A family filling a 15-gallon tank twice a week is now spending roughly $120 more per month on gasoline alone than they were 30 days ago. That is more than $1,400 a year — before factoring in the pass-through to groceries, shipping costs, and utilities that move with energy prices.

"The broader consumer picture is similarly strained. Wage growth is slowing, inflation is accelerating, and worker bargaining power has eroded markedly since the spring of 2025," Schwartz said.

Wage growth at 3.5% is already running below the pace needed to offset that hit for most households. For lower-income workers — who spend a disproportionate share of earnings on fuel and essential goods — it is not close.

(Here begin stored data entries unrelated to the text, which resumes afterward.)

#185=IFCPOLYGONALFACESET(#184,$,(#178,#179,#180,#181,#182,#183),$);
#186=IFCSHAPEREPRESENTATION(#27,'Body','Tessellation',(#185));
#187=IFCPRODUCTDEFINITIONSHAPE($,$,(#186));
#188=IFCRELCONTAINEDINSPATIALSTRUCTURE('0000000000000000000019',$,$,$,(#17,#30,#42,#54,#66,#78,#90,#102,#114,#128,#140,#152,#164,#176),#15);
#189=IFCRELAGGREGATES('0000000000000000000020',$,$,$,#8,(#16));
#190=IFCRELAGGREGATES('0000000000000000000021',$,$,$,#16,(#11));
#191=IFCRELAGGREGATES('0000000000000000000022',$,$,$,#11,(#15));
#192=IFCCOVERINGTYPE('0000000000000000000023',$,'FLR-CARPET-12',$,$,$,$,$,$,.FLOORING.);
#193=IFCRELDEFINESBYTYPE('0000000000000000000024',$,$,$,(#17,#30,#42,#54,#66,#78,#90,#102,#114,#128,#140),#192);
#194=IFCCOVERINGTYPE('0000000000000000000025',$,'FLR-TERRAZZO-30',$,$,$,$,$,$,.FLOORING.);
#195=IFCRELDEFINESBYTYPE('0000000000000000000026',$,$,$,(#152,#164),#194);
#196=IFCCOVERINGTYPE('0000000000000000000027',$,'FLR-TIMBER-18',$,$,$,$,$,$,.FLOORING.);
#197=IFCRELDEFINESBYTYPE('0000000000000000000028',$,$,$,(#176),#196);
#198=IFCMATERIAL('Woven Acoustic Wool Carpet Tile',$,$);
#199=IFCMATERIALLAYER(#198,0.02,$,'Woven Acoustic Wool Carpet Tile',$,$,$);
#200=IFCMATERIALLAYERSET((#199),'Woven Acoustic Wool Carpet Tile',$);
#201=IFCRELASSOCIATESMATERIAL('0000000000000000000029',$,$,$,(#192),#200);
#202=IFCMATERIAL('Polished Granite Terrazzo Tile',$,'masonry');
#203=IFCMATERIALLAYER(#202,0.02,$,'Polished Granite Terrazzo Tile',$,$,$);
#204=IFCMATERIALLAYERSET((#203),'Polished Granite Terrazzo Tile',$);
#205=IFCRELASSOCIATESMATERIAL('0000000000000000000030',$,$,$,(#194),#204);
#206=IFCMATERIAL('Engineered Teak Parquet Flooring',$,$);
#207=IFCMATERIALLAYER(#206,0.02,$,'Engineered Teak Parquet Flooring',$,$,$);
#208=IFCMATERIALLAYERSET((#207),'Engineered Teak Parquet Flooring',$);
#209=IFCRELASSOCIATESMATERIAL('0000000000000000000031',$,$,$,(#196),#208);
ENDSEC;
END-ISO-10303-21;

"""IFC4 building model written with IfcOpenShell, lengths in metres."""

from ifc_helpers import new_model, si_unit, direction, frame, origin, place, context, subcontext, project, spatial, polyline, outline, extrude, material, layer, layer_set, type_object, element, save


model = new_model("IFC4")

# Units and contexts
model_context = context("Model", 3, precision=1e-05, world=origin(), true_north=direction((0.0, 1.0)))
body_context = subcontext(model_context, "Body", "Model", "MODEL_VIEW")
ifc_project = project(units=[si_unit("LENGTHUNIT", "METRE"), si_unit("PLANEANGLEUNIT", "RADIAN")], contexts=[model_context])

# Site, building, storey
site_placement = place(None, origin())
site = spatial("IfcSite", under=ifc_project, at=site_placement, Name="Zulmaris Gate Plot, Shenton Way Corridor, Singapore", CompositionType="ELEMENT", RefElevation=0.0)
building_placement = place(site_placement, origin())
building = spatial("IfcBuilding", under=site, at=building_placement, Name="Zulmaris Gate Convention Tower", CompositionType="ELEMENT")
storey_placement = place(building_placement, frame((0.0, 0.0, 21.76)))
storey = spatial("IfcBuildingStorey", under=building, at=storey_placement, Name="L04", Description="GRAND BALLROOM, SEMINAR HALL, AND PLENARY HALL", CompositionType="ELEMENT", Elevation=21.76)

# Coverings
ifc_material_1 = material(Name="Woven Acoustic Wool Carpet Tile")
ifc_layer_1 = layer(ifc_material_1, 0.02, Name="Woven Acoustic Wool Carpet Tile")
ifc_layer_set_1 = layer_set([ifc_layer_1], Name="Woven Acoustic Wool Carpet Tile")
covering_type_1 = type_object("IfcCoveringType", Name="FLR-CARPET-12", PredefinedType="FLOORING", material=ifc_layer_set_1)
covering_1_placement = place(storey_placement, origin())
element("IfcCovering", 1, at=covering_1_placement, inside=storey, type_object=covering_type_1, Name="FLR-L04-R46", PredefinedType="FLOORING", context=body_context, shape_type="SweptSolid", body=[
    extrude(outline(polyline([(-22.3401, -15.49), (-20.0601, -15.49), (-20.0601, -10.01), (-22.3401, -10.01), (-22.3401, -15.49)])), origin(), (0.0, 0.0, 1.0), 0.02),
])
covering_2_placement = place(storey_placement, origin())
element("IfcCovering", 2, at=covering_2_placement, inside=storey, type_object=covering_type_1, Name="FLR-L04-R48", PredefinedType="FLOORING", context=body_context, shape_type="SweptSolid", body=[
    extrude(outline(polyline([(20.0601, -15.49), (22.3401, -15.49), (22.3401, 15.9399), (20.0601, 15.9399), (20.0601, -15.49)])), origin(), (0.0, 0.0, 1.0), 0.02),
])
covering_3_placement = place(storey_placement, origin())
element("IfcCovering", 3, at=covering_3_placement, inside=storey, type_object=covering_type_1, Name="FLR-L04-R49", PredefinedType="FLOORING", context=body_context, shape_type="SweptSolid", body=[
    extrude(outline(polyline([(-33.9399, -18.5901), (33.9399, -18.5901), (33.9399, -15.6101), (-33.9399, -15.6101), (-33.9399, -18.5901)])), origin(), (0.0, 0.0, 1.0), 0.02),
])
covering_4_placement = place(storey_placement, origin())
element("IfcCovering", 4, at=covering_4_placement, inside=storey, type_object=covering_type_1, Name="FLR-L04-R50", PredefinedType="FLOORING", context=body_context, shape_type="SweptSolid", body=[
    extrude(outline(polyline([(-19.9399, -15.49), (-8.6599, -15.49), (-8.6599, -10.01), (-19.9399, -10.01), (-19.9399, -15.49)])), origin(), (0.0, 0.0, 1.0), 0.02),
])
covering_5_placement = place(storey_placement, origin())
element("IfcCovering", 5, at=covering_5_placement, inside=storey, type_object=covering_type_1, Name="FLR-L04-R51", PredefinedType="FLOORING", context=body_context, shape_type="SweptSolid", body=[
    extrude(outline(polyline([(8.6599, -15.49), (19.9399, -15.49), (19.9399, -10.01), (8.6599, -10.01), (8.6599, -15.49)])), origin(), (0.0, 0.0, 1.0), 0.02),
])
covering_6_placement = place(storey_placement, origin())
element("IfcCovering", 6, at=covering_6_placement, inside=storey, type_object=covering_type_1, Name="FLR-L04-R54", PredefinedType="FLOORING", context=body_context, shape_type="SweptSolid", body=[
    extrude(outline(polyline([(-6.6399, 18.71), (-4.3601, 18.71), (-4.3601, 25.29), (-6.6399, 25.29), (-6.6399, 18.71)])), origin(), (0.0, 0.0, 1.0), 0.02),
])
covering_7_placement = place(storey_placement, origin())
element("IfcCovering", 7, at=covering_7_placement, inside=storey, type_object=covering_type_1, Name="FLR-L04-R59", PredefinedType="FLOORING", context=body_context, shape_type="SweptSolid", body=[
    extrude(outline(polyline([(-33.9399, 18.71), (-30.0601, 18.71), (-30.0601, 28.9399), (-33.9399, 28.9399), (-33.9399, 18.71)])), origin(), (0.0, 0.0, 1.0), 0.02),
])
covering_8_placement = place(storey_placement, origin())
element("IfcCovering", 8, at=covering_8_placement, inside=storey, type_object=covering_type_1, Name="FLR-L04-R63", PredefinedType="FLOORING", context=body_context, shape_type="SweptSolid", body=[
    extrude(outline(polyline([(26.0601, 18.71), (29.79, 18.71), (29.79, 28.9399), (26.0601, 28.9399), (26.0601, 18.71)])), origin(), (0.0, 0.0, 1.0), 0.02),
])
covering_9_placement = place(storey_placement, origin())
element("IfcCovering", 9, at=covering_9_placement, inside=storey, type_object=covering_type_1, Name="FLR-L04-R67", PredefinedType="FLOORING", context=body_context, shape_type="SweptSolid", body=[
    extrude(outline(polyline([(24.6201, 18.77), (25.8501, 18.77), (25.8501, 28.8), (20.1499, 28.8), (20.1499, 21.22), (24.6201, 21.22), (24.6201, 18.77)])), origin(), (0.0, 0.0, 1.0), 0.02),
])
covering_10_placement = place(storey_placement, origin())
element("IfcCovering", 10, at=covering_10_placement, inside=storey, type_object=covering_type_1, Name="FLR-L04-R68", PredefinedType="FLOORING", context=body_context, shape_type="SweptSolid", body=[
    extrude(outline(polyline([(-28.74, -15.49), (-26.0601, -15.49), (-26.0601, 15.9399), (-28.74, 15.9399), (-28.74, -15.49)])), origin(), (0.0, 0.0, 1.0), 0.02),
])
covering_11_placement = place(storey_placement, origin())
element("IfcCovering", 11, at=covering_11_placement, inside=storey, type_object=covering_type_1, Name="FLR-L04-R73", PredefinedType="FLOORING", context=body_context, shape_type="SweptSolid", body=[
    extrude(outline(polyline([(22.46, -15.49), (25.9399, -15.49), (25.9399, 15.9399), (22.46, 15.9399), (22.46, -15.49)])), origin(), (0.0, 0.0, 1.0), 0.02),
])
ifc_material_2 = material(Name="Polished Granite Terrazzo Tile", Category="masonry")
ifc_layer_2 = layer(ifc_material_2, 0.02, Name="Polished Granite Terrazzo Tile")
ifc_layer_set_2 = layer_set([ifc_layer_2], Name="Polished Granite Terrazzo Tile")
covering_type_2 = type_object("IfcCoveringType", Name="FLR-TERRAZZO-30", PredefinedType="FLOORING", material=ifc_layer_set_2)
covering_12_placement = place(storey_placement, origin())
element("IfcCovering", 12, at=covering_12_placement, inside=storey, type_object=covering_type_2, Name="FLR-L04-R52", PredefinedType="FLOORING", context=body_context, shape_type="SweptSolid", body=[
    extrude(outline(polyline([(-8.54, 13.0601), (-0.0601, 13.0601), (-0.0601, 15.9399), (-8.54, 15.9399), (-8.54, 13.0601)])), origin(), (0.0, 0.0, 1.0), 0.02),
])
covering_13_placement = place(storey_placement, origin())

The signal in the quit data confirms it. The voluntary quit rate has matched the lowest level of this economic expansion. The ratio of quits to unemployed workers — except for the pandemic plunge — is the lowest in more than a decade.

Workers who do not believe they can find something better do not quit. That shift in bargaining power from labor to employers, which Oxford Economics traces to the spring of 2025, has now become entrenched.

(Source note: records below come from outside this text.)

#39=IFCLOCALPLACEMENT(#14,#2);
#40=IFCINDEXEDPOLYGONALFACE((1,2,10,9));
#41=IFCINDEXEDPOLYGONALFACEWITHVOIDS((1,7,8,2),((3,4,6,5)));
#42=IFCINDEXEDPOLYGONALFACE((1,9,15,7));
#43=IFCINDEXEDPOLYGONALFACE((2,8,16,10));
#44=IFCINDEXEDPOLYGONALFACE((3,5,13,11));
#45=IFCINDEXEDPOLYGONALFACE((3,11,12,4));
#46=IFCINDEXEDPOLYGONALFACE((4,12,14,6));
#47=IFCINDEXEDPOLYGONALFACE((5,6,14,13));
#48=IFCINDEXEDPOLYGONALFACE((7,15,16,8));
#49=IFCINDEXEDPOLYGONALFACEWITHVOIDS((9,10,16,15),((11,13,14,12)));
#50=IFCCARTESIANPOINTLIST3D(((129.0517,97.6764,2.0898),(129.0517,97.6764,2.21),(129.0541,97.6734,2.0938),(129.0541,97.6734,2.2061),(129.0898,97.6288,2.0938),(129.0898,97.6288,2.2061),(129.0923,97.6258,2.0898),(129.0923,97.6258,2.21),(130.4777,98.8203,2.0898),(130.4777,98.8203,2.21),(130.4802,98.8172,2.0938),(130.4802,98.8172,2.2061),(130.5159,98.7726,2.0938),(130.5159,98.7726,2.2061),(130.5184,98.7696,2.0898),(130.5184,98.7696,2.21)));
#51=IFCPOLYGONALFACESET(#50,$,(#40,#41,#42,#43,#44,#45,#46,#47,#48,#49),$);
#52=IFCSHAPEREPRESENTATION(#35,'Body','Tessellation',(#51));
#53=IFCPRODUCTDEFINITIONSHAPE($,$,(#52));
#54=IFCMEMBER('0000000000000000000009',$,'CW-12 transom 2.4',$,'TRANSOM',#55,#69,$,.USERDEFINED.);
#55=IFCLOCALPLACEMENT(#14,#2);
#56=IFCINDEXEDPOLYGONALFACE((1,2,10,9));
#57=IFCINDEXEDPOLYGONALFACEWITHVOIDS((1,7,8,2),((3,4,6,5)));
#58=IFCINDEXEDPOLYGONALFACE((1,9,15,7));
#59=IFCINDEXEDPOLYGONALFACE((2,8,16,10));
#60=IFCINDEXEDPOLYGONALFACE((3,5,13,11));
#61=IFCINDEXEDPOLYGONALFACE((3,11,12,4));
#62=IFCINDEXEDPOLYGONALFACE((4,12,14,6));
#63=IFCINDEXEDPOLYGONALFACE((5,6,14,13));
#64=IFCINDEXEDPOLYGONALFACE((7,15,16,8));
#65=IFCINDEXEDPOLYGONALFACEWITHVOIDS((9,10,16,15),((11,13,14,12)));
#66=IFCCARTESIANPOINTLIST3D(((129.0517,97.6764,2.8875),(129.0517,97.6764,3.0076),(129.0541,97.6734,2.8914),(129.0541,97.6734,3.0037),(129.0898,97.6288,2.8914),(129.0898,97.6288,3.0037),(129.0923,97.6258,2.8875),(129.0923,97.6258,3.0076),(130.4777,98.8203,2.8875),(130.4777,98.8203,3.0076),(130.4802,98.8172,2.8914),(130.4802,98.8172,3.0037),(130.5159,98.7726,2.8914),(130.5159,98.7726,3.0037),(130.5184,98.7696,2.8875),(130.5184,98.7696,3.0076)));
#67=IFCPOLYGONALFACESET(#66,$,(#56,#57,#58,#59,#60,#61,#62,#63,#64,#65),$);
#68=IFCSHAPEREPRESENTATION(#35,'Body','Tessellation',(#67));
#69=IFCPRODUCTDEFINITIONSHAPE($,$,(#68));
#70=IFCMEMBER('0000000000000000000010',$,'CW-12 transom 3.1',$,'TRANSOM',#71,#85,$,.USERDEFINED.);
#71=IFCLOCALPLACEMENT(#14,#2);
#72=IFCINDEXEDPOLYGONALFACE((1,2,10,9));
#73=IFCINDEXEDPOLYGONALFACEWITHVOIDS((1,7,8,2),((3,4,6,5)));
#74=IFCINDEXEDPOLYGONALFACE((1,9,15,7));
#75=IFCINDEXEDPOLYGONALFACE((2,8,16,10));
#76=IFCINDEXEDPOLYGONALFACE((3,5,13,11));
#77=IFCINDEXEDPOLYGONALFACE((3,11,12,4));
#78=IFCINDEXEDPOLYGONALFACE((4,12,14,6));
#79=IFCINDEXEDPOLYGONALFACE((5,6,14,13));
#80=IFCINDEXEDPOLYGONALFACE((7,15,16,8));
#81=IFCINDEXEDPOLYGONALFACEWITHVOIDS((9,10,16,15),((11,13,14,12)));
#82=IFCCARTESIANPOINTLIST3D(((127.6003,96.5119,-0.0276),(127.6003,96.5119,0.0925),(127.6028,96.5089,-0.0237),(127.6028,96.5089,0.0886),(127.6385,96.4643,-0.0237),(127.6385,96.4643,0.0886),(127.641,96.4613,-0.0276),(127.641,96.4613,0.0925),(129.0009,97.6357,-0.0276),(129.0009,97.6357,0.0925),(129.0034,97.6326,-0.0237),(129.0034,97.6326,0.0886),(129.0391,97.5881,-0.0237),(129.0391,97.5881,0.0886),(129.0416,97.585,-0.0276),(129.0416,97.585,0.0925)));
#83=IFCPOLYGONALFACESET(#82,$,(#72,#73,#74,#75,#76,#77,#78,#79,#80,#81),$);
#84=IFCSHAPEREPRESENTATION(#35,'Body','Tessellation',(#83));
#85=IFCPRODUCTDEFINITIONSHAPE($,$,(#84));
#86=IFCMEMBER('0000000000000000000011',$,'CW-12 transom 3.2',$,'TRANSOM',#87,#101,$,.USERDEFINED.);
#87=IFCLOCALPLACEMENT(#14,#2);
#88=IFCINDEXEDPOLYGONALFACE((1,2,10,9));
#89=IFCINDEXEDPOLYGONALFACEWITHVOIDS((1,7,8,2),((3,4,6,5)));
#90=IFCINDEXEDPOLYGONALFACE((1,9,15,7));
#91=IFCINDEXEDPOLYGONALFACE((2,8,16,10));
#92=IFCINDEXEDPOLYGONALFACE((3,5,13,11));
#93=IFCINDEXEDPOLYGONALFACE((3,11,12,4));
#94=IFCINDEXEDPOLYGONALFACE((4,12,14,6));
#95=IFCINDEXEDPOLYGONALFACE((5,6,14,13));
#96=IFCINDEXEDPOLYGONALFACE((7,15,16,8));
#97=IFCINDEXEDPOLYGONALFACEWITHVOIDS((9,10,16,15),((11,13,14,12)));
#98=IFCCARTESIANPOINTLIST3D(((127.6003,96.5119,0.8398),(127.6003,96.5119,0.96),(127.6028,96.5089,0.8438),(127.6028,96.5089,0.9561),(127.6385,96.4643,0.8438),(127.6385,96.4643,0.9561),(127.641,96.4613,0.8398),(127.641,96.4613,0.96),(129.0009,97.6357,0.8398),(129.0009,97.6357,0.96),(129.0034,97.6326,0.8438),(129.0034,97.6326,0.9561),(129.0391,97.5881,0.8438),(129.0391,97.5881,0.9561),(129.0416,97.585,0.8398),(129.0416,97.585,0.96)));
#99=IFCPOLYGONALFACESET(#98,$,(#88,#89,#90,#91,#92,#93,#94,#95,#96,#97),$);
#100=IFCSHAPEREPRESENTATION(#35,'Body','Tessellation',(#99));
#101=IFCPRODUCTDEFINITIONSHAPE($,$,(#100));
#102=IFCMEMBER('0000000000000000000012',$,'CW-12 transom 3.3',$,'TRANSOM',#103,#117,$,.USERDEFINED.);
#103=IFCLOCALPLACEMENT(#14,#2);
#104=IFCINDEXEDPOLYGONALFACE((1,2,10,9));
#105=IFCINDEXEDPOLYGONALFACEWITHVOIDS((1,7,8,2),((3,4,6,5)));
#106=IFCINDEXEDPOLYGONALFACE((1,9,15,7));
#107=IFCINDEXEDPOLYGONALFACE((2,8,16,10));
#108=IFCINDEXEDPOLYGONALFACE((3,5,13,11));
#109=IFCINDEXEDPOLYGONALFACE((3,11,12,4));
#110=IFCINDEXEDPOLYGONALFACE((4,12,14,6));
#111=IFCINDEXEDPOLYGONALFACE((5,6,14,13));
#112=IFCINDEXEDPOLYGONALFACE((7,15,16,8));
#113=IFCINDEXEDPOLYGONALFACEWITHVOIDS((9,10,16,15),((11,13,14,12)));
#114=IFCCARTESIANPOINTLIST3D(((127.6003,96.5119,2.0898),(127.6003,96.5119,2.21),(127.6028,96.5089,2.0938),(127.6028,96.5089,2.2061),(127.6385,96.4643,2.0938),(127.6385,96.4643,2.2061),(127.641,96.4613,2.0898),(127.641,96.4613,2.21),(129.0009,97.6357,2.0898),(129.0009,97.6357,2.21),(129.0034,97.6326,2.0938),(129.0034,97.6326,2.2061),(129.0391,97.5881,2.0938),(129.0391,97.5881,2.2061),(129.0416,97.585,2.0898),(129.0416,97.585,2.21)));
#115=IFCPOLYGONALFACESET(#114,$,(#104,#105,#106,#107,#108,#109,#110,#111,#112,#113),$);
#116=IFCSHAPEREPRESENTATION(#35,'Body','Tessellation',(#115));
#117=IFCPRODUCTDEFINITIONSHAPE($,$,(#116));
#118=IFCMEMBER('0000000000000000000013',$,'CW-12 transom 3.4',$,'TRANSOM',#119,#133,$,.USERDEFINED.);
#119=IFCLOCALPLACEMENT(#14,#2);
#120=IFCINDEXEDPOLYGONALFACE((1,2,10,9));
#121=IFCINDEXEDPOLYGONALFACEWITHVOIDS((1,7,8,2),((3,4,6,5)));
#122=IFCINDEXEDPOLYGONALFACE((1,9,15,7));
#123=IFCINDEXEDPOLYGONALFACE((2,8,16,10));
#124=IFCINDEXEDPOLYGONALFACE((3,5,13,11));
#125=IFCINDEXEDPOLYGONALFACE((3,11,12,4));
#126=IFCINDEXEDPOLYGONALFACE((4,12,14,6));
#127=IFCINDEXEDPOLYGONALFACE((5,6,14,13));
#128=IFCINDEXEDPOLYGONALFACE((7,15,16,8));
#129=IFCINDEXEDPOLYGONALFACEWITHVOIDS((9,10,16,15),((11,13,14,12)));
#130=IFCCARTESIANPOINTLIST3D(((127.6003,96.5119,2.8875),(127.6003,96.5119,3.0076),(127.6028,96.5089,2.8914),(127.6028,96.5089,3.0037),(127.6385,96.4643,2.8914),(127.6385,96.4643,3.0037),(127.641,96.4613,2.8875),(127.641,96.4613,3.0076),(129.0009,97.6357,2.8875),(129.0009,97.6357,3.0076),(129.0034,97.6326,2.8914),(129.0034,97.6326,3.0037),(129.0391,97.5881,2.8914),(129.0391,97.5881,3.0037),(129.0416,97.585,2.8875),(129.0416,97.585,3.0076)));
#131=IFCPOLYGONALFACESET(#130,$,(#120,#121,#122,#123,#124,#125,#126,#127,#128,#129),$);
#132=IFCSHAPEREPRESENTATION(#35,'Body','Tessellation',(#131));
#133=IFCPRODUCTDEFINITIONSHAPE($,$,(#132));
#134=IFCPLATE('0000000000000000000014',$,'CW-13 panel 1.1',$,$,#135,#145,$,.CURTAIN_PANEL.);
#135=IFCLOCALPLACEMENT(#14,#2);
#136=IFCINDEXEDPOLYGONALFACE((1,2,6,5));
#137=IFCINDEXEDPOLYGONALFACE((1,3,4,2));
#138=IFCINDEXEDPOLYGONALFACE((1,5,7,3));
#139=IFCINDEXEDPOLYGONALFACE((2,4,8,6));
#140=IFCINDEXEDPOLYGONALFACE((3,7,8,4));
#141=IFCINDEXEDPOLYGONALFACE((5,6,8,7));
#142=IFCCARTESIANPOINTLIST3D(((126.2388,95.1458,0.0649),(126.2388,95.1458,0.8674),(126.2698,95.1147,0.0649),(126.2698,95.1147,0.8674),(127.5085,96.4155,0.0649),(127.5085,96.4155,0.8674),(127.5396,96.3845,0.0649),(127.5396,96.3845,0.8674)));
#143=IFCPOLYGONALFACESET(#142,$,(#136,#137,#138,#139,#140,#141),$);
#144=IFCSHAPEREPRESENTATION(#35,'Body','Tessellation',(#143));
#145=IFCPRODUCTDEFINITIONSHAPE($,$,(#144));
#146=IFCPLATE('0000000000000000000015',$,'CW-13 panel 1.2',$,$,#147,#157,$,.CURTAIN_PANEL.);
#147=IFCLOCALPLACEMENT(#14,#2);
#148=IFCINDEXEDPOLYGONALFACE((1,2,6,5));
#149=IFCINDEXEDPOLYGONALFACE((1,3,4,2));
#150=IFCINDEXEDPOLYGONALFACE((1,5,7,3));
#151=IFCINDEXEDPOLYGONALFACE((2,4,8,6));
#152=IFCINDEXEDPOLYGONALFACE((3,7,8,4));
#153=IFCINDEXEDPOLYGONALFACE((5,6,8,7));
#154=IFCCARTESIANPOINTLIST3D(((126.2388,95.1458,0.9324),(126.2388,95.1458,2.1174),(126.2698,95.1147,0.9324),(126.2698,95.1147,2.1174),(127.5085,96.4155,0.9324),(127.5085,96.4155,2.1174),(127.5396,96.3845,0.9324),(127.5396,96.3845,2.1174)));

The Fed’s Impossible Position

Inflation is accelerating. The Fed’s tools cannot stop it.

That is not a criticism of the Federal Reserve — it is a description of what supply-side shocks do. The Fed cannot reopen the Strait of Hormuz. It cannot bring crude back below $80.

What it can do is raise rates to slow demand, but slowing demand in an economy already showing labor force contraction, falling consumer confidence, and a war-driven spending shock carries its own risks.

Oxford Economics expects the Fed to take a different path: look past the inflation spike and return to rate cuts in the second half of the year, once demand destruction becomes the more pressing concern.

February retail sales — the last clean pre-war read — showed a solid 0.6% gain. That number predates $4 gas and the psychological toll of an active conflict on consumer behavior.

March and April data will be the first honest look at what households are actually doing at the register.

"The Fed, limited in its ability to address supply-side inflation shocks, will likely look past rising prices and pivot back toward rate cuts in the second half of the year as demand destruction becomes the more pressing concern," Schwartz said.

The U.S. economy now faces a dangerous mix. Slowing wage growth, rising inflation and weakening labor supply.

The stagflation scenario — rising prices and slowing growth simultaneously — is no longer a tail risk. It is the base case if the conflict extends beyond current assumptions.

A longer war means more inflation and more demand destruction at the same time, compressing the Fed’s options and raising recession odds even as inflation prints run hot.